It is his title reveals that reveals the tragic parallel on Heaney’s mind – what unfolds on stage (‘What bloody man is that?’) recalls graphic images of Ulster’s sectarian violence and the proximity of murder during the ‘Troubles’ – the brash percussive sounds announcing the arrival of Orange parades (‘A drum, a drum!’) herald confrontation and hatred.

The dreadful irony is that actors tied to the text of a tragic play and sectarian bigots from one side of the sectarian divide or the other behave with script-like predictability (unbowed, on cue, and scripted from the start).

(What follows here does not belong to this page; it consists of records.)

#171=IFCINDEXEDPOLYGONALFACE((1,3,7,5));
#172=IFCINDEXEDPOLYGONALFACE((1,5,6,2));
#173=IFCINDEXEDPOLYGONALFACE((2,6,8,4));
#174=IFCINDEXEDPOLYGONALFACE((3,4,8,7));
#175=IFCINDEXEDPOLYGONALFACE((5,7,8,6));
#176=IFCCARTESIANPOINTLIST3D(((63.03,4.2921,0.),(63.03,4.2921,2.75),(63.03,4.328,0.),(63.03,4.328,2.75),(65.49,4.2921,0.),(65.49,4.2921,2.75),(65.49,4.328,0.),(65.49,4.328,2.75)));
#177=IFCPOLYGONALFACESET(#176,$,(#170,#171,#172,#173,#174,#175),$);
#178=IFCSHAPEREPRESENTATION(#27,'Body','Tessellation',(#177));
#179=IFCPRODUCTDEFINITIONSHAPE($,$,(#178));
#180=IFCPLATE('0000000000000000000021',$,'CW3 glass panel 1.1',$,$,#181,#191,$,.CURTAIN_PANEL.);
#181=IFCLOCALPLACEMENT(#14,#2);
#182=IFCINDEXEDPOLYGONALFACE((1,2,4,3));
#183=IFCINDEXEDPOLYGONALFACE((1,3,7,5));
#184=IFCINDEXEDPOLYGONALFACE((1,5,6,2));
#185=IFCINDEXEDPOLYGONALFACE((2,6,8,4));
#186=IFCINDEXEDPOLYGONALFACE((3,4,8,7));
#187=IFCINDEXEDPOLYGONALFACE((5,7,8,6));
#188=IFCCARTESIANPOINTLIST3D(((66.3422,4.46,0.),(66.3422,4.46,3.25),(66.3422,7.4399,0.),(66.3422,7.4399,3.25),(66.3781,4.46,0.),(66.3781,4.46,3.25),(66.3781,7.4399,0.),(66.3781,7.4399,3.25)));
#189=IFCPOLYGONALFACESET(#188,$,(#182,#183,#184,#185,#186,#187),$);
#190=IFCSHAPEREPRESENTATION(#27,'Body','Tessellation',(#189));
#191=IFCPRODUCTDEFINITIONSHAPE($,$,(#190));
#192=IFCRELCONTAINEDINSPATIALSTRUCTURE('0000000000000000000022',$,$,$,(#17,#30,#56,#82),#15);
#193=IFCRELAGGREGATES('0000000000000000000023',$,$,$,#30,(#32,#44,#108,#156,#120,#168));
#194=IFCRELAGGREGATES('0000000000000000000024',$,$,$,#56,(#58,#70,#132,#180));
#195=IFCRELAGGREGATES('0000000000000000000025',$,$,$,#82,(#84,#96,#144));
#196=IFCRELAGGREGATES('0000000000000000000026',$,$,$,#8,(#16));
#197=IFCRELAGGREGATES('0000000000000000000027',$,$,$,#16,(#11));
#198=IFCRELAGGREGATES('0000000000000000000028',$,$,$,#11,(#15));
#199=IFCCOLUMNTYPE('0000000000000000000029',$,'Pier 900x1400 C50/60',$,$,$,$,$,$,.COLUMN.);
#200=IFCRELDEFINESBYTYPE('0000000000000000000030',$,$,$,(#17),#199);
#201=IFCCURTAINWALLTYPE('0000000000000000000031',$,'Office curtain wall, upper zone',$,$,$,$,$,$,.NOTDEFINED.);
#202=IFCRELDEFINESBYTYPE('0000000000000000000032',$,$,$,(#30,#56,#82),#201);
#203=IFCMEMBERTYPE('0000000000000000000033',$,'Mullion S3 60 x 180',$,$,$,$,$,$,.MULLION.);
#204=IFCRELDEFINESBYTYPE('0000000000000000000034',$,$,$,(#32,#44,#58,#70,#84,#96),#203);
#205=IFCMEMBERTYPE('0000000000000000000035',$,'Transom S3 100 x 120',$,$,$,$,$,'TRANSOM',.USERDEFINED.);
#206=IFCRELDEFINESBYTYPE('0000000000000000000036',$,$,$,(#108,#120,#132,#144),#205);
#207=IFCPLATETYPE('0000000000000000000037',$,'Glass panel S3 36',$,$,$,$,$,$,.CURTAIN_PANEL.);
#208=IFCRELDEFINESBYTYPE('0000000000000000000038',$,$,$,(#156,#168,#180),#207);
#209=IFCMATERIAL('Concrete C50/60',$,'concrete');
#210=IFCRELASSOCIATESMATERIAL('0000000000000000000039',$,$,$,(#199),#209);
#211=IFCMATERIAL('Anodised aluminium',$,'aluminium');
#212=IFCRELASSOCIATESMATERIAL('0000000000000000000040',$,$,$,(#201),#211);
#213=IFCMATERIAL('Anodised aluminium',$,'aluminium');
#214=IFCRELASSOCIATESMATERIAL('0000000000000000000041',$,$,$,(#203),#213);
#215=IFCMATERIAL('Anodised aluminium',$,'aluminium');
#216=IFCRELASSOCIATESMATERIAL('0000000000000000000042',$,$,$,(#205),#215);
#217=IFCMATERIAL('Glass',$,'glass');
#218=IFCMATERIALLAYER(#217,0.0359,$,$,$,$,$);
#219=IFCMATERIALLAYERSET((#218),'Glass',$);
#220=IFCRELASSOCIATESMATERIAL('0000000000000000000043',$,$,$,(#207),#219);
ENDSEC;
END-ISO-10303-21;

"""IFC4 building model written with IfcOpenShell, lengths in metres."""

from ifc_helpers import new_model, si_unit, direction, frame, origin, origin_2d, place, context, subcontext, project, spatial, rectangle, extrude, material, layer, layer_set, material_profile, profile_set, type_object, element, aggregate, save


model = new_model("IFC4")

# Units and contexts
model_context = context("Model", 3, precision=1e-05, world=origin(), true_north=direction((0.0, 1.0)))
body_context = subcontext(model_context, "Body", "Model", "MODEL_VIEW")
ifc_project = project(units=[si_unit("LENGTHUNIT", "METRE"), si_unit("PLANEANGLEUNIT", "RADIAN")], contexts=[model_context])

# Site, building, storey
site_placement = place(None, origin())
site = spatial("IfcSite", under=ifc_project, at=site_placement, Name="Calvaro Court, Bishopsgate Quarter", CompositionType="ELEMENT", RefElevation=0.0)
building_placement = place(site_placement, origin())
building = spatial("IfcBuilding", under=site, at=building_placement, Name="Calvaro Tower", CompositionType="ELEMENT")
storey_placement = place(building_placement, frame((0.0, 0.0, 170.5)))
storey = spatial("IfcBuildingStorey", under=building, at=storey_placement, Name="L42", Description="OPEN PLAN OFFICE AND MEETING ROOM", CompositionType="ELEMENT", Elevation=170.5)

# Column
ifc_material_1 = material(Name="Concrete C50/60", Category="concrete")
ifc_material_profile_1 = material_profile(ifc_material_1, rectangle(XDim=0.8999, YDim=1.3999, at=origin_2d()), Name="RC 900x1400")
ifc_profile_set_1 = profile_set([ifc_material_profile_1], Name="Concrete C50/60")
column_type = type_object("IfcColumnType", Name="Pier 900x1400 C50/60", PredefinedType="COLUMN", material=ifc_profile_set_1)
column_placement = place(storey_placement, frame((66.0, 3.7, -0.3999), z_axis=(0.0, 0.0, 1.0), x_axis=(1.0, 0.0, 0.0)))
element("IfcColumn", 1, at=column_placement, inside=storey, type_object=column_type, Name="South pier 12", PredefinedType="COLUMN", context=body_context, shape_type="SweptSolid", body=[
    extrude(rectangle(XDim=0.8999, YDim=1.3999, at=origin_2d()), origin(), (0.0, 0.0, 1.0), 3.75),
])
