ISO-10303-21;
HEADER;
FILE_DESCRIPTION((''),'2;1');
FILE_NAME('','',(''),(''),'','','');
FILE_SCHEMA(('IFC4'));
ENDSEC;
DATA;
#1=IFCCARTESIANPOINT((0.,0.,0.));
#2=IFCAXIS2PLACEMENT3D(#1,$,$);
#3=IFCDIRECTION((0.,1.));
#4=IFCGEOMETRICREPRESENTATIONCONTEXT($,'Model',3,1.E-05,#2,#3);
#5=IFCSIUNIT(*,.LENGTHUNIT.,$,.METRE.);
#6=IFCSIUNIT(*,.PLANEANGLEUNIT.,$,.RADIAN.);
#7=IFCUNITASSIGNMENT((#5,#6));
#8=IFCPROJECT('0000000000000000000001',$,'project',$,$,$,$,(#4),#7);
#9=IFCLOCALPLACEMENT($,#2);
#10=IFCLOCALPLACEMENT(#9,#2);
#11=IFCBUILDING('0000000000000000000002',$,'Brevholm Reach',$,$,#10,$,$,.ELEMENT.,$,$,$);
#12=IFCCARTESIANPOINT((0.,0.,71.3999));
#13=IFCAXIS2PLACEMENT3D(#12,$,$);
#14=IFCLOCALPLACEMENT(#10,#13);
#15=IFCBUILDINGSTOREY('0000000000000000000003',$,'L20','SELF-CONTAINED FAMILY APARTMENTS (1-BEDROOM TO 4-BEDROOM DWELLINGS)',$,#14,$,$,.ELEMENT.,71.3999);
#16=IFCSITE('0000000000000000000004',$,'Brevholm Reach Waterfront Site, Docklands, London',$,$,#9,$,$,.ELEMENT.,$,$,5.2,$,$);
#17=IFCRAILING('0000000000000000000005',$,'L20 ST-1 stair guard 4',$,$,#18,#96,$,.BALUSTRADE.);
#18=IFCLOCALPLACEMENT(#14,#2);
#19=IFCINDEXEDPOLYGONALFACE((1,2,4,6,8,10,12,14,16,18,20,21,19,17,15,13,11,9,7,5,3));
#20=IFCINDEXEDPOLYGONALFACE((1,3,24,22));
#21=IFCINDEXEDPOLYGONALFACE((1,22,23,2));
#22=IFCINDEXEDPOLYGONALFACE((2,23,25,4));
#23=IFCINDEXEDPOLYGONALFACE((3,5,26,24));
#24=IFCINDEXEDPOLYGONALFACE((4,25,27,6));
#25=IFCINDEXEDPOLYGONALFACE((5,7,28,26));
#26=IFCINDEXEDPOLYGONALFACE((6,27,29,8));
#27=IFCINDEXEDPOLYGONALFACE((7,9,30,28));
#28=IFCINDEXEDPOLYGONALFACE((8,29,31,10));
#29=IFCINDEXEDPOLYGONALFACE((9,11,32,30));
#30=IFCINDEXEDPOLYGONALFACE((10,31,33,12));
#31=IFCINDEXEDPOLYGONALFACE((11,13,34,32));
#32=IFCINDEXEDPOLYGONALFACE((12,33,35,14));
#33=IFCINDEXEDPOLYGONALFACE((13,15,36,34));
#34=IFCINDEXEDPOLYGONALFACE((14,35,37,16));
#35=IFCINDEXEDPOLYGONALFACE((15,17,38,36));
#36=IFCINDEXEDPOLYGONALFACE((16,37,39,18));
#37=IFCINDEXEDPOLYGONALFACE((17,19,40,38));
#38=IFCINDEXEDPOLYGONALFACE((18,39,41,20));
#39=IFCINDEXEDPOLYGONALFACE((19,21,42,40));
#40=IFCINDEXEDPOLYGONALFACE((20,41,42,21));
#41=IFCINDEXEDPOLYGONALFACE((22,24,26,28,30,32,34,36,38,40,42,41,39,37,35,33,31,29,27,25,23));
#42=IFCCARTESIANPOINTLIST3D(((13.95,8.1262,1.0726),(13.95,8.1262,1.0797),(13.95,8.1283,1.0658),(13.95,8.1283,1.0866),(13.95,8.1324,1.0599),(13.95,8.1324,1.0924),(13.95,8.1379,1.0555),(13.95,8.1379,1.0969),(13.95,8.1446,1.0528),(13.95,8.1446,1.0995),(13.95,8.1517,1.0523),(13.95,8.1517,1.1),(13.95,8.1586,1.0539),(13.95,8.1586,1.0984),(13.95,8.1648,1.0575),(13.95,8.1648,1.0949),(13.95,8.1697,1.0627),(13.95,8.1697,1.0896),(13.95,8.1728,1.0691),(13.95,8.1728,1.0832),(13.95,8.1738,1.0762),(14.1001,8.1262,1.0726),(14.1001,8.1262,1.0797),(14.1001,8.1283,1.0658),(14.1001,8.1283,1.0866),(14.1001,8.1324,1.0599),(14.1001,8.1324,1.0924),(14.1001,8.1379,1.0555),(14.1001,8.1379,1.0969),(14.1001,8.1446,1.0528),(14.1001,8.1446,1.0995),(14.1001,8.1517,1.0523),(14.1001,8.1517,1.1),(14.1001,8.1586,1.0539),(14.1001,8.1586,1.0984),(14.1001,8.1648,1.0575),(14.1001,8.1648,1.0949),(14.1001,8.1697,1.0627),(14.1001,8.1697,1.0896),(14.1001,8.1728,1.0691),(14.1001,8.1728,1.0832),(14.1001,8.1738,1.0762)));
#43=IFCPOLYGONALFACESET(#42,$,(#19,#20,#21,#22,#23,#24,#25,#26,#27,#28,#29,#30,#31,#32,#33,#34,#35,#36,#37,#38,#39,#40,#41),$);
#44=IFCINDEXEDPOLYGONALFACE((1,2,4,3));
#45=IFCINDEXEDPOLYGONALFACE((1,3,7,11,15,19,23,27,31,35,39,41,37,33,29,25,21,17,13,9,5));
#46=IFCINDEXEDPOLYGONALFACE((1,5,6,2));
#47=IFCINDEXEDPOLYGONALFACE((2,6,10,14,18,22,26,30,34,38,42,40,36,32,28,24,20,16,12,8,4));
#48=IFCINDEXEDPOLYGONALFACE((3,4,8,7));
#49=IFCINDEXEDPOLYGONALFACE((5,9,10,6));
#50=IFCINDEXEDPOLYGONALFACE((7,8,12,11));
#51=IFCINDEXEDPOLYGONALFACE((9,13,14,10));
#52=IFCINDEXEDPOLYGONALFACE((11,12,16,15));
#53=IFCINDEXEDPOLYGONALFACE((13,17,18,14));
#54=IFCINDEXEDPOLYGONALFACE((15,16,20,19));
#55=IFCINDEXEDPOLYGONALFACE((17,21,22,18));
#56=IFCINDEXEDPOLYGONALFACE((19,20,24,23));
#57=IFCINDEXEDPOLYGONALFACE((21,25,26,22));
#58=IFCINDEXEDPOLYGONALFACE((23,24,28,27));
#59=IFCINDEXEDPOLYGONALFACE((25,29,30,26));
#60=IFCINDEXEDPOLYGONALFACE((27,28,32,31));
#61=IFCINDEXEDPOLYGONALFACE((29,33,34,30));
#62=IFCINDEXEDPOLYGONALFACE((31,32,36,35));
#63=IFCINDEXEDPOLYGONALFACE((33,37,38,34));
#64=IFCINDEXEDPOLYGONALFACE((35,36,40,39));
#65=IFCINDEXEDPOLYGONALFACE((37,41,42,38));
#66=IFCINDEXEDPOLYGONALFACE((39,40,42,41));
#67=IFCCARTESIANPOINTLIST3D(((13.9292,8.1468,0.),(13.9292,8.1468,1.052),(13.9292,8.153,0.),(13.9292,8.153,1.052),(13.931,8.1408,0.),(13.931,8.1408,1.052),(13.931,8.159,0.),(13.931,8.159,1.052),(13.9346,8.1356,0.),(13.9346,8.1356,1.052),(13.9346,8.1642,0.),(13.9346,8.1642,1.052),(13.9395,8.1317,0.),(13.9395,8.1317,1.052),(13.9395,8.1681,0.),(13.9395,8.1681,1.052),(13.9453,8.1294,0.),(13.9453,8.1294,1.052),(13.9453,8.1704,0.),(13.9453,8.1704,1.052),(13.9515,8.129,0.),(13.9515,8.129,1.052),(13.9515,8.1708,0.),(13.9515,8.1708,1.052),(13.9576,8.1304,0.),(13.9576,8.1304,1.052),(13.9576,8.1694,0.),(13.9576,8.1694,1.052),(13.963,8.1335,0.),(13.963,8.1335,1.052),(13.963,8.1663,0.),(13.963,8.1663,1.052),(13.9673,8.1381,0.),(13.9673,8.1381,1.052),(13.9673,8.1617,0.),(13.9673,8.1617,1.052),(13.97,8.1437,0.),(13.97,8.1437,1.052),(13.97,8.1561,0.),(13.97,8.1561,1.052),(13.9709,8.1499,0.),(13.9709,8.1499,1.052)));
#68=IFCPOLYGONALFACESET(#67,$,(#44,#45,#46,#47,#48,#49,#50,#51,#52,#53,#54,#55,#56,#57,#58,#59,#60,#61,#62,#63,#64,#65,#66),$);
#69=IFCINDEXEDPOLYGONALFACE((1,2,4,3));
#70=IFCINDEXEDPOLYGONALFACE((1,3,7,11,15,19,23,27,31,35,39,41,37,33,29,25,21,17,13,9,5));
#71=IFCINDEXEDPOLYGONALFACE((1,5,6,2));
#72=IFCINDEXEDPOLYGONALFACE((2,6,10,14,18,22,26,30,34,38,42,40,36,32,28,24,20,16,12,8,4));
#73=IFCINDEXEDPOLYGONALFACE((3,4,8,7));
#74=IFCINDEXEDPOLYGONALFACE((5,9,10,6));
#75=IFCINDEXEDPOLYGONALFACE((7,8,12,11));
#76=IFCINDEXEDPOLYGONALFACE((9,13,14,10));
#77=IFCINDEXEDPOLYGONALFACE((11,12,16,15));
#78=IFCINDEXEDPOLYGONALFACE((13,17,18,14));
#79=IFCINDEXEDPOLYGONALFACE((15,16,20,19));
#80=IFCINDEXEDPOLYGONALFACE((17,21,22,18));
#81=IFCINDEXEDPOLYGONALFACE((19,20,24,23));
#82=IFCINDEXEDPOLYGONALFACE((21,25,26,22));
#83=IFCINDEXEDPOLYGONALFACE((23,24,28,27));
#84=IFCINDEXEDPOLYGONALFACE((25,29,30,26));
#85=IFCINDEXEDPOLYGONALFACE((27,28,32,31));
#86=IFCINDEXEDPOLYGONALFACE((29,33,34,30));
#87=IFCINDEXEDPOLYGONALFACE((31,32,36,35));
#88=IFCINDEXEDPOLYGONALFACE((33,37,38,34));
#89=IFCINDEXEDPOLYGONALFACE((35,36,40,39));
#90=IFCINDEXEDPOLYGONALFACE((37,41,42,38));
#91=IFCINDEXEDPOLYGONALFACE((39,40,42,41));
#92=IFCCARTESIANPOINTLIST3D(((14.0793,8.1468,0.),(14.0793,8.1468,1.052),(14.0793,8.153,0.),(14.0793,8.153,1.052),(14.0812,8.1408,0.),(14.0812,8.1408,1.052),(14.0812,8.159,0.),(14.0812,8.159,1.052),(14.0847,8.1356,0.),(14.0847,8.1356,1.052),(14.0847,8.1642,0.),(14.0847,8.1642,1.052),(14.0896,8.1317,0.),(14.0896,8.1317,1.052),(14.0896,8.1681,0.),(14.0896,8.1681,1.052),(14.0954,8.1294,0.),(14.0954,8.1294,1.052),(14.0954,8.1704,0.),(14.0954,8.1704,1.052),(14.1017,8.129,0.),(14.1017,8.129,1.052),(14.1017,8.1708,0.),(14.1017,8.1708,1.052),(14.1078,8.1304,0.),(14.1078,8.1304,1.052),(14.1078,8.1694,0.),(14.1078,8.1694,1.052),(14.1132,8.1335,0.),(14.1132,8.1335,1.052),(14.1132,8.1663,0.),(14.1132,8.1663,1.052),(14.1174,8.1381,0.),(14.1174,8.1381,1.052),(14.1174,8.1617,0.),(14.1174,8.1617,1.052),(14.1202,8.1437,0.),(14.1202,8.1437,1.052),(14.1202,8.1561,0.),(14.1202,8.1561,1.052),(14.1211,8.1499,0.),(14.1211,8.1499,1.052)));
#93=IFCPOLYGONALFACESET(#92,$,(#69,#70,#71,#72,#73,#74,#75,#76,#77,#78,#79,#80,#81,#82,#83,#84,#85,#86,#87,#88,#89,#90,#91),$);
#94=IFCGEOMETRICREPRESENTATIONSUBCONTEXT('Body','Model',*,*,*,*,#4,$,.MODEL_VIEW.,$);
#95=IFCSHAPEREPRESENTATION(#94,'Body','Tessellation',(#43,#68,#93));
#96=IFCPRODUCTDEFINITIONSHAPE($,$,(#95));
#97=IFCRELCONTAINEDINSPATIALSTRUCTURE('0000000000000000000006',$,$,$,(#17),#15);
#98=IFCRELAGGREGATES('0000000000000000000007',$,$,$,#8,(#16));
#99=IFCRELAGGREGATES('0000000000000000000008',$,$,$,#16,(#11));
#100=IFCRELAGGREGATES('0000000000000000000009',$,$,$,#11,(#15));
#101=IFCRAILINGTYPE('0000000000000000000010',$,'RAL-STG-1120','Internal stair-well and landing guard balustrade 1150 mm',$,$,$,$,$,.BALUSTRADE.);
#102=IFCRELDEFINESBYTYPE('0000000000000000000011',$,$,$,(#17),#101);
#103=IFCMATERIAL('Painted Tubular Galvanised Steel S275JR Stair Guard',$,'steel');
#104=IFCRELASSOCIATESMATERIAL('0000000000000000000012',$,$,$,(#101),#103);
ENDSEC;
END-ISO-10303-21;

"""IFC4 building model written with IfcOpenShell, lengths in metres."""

from ifc_helpers import new_model, si_unit, direction, frame, origin, origin_2d, place, context, subcontext, project, spatial, circle, extrude, material, type_object, element, save


model = new_model("IFC4")

# Units and contexts
model_context = context("Model", 3, precision=1e-05, world=origin(), true_north=direction((0.0, 1.0)))
body_context = subcontext(model_context, "Body", "Model", "MODEL_VIEW")
ifc_project = project(units=[si_unit("LENGTHUNIT", "METRE"), si_unit("PLANEANGLEUNIT", "RADIAN")], contexts=[model_context])

# Site, building, storey
site_placement = place(None, origin())
site = spatial("IfcSite", under=ifc_project, at=site_placement, Name="Brevholm Reach Waterfront Site, Docklands, London", CompositionType="ELEMENT", RefElevation=5.2)
building_placement = place(site_placement, origin())
building = spatial("IfcBuilding", under=site, at=building_placement, Name="Brevholm Reach", CompositionType="ELEMENT")
storey_placement = place(building_placement, frame((0.0, 0.0, 71.3999)))
storey = spatial("IfcBuildingStorey", under=building, at=storey_placement, Name="L20", Description="SELF-CONTAINED FAMILY APARTMENTS (1-BEDROOM TO 4-BEDROOM DWELLINGS)", CompositionType="ELEMENT", Elevation=71.3999)

# Railing
ifc_material_1 = material(Name="Painted Tubular Galvanised Steel S275JR Stair Guard", Category="steel")
railing_type_1 = type_object("IfcRailingType", Name="RAL-STG-1120", Description="Internal stair-well and landing guard balustrade 1150 mm", PredefinedType="BALUSTRADE", material=ifc_material_1)
railing_1_placement = place(storey_placement, frame((13.95, 8.1499, 0.0)))
element("IfcRailing", 1, at=railing_1_placement, inside=storey, type_object=railing_type_1, Name="L20 ST-1 stair guard 4", PredefinedType="BALUSTRADE", context=body_context, shape_type="SweptSolid", body=[
    extrude(circle(Radius=0.0239, at=origin_2d()), frame((0.0, 0.0, 1.0762), z_axis=(1.0, 0.0, 0.0), x_axis=(0.0, 1.0, 0.0)), (0.0, 0.0, 1.0), 0.1501),
    extrude(circle(Radius=0.021, at=origin_2d()), origin(), (0.0, 0.0, 1.0), 1.052),
    extrude(circle(Radius=0.021, at=origin_2d()), frame((0.1501, 0.0, 0.0)), (0.0, 0.0, 1.0), 1.052),
])

save(model, "model.ifc")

  • Marching Season: even though the Good Friday Peace agreement of 1998 was signed three years before Electric Light was published, the annual Marching Season remains the period during which sectarian tensions are at their highest and sporadic violence can ensue; the most important marches occur on or around 12th July to commemorate the Battle of the Boyne in 1690 in which forces loyal to the Protestant William of Orange defeated those who sided with the deposed Catholic monarch James II; thus the 12th July Orangemen marches are significant to the majority Protestant and Loyalist sections of the Northern Irish population and disdained by the minority Catholic and Nationalist community;
  • Drum: ‘Orange Drums, Tyrone, 1966’ of Heaney’s North collection (1975) paints the brash, dramatic caricature of a lambeg drummer prominent in a Protestant Unionist march during the Marching Season. Heaney allowed his emotional responses to the scene and what it represented to leak out; he felt that those engaged in the parades were deliberately incensing the Catholic communities by marching provocatively close to Catholic-majority areas;
  • Macbeth references: Act 1, ii: question posed by Duncan at the sight of a wounded captain and introducing the theme of blood symbolic of murder, brutality and guilt that foretells of his own death; Act 1, iii: drum announcing the arrival of Macbeth to the Witches; they will tell Macbeth and Banquo what the future holds;
  • prepossessed: biased, prejudiced, coloured;
  • unbowed; in thrall to no-one; under no-one’s ower;
  • on cue; at exactly the right moment in the script;
  • scripted: performing the set lines of a written text; by extension; forteseeable outcome of a narrative;

 

  • quartet in 2 sentences; line length based on 10 syllables; rhyme abab
  • assonat echoes: ‘blood…drum…come’/ ‘possess…know…Banquo’/ ‘heart…start’;
  • alliterative strands: [w] ‘what…what…wait…bowed’; bi-labial [p/b] ‘prepossessed…Banquo…Macbeth…unbowed…scripted’; sibilant [s] ‘scripted…start’; nasals [m/n]: ‘know…Banquo…come…unbowed… on…from’;

2 The Catechism

Heaney admitted to DOD that he suffered from a surfeit of Catholic training in childhood (‘formed my mind’). Part of the oral training aspect of his religious upbringing were the ingrained cues and responses of catechism (Q. and A. come back).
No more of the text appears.